In the second chapter of Philippians, Paul continues the encouraging message that he had begun in chapter 1. He opens with an appeal to his community to be of the “one mind,” grounded in love (v. 2). Such love will manifest itself in looking to the interests of others (v. 3). Paul’s strategy is to shape the “mind,” or fundamental attitude of his community, by cultivating certain core values, exemplified by the “mind” of Christ.
To help him build the kind of shared values which he desires to inculcate, Paul tells the story of Christ in a remarkable passage (vv. 6-11), shaped in balanced cadences and replete with rich vocabulary. The literary qualities of this passage have suggested to many readers that Paul is here citing a “hymn” used by him or his congregations in their worship life. Further support for the notion that Paul is citing received material here is the fact that there is tension between the affirmations about Christ contained in the passage and affirmations about Christ in other parts of Paul’s letters, for instance, Rom 1:3-4, which focuses squarely on the final stage of the Christ story, his exaltation to heavenly status. The rhetorical force of the hymn depends instead on the details of a more complex account of Christ’s origins, human existence, and exalted state.

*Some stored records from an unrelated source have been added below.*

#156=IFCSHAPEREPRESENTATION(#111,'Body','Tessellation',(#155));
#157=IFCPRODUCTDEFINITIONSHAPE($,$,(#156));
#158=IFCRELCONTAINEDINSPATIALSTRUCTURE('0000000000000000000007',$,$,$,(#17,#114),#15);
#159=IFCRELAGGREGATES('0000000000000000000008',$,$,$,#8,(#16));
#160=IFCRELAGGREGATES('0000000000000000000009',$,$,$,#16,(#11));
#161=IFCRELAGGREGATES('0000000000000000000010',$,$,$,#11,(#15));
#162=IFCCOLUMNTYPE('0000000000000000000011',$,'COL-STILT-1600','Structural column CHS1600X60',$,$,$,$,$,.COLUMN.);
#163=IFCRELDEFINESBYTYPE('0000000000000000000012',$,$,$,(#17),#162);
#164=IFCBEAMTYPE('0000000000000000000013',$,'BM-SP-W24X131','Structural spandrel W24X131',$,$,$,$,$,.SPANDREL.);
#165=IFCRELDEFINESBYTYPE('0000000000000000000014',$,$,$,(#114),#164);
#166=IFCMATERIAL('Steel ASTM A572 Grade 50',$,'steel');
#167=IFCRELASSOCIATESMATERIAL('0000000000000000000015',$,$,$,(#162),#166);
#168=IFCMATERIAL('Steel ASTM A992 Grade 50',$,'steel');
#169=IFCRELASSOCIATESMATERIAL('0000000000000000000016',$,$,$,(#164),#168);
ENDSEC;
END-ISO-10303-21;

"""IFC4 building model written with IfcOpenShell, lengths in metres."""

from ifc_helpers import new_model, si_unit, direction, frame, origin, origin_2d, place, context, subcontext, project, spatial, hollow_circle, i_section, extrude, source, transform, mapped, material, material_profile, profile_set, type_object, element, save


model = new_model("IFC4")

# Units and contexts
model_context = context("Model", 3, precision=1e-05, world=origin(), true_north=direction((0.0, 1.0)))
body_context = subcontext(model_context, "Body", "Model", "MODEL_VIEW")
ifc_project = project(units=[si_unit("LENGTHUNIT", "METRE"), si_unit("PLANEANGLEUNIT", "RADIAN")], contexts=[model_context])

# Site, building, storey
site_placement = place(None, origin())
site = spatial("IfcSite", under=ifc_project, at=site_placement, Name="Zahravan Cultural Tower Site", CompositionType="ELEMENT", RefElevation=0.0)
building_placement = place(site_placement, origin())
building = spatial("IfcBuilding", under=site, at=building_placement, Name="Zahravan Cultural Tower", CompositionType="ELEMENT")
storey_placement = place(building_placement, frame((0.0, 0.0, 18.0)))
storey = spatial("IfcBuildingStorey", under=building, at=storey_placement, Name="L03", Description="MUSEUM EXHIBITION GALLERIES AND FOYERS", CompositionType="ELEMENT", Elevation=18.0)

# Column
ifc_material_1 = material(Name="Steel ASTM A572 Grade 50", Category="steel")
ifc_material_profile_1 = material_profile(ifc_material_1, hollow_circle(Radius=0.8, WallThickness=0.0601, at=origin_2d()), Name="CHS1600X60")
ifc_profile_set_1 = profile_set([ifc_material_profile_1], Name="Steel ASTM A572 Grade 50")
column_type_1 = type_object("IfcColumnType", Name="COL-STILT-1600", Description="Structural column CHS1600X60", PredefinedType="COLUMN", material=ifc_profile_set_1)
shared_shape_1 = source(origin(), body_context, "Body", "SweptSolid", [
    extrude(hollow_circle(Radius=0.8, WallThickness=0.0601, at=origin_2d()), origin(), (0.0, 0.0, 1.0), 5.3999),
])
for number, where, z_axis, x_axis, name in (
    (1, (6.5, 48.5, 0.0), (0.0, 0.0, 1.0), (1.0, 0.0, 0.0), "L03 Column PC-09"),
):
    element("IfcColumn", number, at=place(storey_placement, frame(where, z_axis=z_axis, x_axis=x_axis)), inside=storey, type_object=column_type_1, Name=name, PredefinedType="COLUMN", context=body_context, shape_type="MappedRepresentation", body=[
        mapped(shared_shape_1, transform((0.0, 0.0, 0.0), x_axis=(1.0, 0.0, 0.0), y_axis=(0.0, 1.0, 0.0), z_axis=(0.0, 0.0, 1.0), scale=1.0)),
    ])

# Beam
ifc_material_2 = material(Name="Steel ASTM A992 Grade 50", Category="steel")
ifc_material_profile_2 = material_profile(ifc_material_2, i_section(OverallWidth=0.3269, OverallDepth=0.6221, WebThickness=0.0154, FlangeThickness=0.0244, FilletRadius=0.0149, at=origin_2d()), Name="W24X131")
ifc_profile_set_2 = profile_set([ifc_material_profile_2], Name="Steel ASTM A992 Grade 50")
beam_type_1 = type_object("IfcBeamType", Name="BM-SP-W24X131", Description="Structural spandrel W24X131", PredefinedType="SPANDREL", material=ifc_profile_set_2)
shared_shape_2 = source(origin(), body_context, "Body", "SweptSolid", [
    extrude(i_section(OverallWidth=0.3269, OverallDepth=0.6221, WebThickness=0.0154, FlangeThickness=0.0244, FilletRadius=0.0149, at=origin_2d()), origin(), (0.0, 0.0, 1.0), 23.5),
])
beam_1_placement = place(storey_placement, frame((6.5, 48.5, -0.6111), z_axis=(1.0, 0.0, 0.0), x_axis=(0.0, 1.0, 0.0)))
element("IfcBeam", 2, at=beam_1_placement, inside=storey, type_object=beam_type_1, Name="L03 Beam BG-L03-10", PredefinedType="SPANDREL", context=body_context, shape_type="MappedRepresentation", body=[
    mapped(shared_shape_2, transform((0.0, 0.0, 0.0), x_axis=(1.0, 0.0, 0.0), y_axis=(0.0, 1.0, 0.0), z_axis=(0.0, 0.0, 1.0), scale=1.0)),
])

The hymn begins (v. 6) with a brief sketch of Christ’s initial condition “in the form (morphe) of God,” a condition that is immediately equated with having “equality with God.” Some interpreters of the hymn suggest that all that is meant by this phrasing is that Christ was a man like Adam, made in God’s image (Gen 1:27), but on such a reading it is hard to make sense of the sharp contrast in the next verses between Christ’s initial state and his taking “human form.” Rather this initial verse expresses the sense that Christ was a heavenly being before taking on human flesh. The roots of that “high” Christology probably lie in the idea held by many of his followers that Jesus was an incarnation of divine Wisdom.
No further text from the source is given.